Should I write it off or what? This is a fairly large rental in terms of community exposure (but not that much in money).

Thanks.


----------



## Amiers (Jun 22, 2013)

Most paint now a days are water based if you catch it in time you should be able to get it off with alot of water a lot of dawn and a nice hard bristel broom. We recently had a paint spill a couple of days ago and did this exact same thing.


----------



## JLNorthGA (Jun 22, 2013)

Maybe with a scraper. It is acrylic paint for canvas and is now quite hard.


----------



## josh88 (Jun 22, 2013)

What type of concrete floor? Is it mostly smooth? Go to a paint department, you can get an acid etcher which would take some up, if you wanted something less harsh, there are some other cleaning options. Ymmv depending on what kind of mess it is


Via tapatalk


----------



## techieman33 (Jun 22, 2013)

I would charge them for the clean up. It sounds like they didn't even make an attempt to keep paint off of your floor, which shows a total lack of respect for your venue. They should have seen what was happening pretty quickly and stopped it while they took measures to clean it up, or ask for help cleaning it up. Then asked for a drop cloth if they didn't have one available to them. A little paint is excusable as an accident, and accidents happen, no big deal. But there is no excuse for it to build up over a period of time without corrective actions being taken.


----------



## MNicolai (Jun 22, 2013)

Which area(s) of the building was paint found on the concrete in?


----------



## Amiers (Jun 22, 2013)

well if its dried then hot water and soap is out, you will have to scrape it clean up the scraps then actetone it. If that doesn't work then I would call out a sandblasting company and charge them for the blasting.
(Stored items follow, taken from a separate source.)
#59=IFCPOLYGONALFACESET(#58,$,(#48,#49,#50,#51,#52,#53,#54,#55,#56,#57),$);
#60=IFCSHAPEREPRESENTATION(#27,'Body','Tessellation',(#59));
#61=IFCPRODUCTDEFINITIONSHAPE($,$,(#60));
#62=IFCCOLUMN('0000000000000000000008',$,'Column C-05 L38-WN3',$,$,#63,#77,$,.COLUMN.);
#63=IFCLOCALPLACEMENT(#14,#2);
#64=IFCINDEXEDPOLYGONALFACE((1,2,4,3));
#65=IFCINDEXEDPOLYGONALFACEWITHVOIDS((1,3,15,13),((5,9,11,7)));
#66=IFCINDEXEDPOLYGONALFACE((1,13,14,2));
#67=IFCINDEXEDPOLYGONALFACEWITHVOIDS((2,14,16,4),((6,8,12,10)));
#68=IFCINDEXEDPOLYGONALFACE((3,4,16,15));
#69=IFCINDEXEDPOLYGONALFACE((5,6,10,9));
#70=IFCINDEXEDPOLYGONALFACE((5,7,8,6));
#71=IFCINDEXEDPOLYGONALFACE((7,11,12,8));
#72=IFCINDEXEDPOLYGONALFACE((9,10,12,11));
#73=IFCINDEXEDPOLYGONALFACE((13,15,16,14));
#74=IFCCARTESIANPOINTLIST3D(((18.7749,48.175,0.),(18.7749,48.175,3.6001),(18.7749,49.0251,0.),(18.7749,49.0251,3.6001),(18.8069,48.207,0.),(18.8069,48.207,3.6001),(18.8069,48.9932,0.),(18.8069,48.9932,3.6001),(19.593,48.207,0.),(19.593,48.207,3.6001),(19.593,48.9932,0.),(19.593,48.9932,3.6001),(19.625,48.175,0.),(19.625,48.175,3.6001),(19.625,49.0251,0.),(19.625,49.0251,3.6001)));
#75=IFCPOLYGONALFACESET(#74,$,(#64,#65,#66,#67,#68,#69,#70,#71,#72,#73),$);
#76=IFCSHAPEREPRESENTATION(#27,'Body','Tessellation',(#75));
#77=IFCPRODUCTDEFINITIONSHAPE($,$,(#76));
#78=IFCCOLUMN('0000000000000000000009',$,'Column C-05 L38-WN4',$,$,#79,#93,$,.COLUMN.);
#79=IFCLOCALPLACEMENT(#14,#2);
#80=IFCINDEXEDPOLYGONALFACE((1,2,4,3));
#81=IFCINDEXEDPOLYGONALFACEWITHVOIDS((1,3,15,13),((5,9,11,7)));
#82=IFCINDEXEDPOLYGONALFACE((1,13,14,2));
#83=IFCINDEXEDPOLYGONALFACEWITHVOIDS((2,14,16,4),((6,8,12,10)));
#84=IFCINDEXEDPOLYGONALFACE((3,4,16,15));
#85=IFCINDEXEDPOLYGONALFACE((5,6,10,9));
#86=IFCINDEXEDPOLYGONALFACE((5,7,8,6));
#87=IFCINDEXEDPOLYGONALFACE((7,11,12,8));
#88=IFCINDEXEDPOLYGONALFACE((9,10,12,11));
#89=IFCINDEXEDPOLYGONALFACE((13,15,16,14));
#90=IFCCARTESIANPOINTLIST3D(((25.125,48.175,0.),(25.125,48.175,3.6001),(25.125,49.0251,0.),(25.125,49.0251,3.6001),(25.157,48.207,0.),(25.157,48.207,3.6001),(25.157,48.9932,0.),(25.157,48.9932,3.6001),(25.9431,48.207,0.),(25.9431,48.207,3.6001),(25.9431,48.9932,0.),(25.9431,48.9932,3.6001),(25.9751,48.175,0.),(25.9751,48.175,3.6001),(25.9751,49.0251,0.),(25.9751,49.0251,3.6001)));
Also if kids from the day camp are still there part of theatre is cleanup get them kids to learn one of the key elements


----------



## venuetech (Jun 23, 2013)

looks like household ammonia can be used to clean acrylic off of non porous surfaces. That and a floor scraper, Be sure to get lots of ventilation going, ammonia can be hazardous. You might be able to talk with them about the costs and man hours for cleanup and hopefully you can come to an agreement. Next year's contract should spell the paint policy out. They are lucky kids did not step in the blobs of paint and then track it out across the carpet in the lobby. (small voice of experience)

search "remove acrylic paint"


----------



## Tex (Jun 24, 2013)

I worked a summer camp a few years ago at a community college and the kids spilled paint on a concrete sidewalk. I bought this (along with several other products to try) at the local Dollar Tree. I was surprised at how well it worked and how cheap it was. Worth a try...
Bulk LA's Totally Awesome All-Purpose Cleaner, 20 oz. at DollarTree.com


----------



## 65535 (Jul 8, 2013)

There are some very good relatively safe and environmentally not too terrible paint cleaners that when used with a stiff brush work wonders in getting off even stubborn paint. Using a steel brush and Goof-Off I've been able to get week old silver and black spray paints off of rough sidewalk concrete.

I should also mention avoid acid and sandblasting as they are going to damage your concrete, which would be a last case scenario in my opinion.


----------



## ack (Jul 8, 2013)

And I only say this because you have gotten some actual advice already:

JLNorthGA said:


> We're renting our facility out to a theatrical day camp.




If you start doing dance recitals I can re-post this.


----------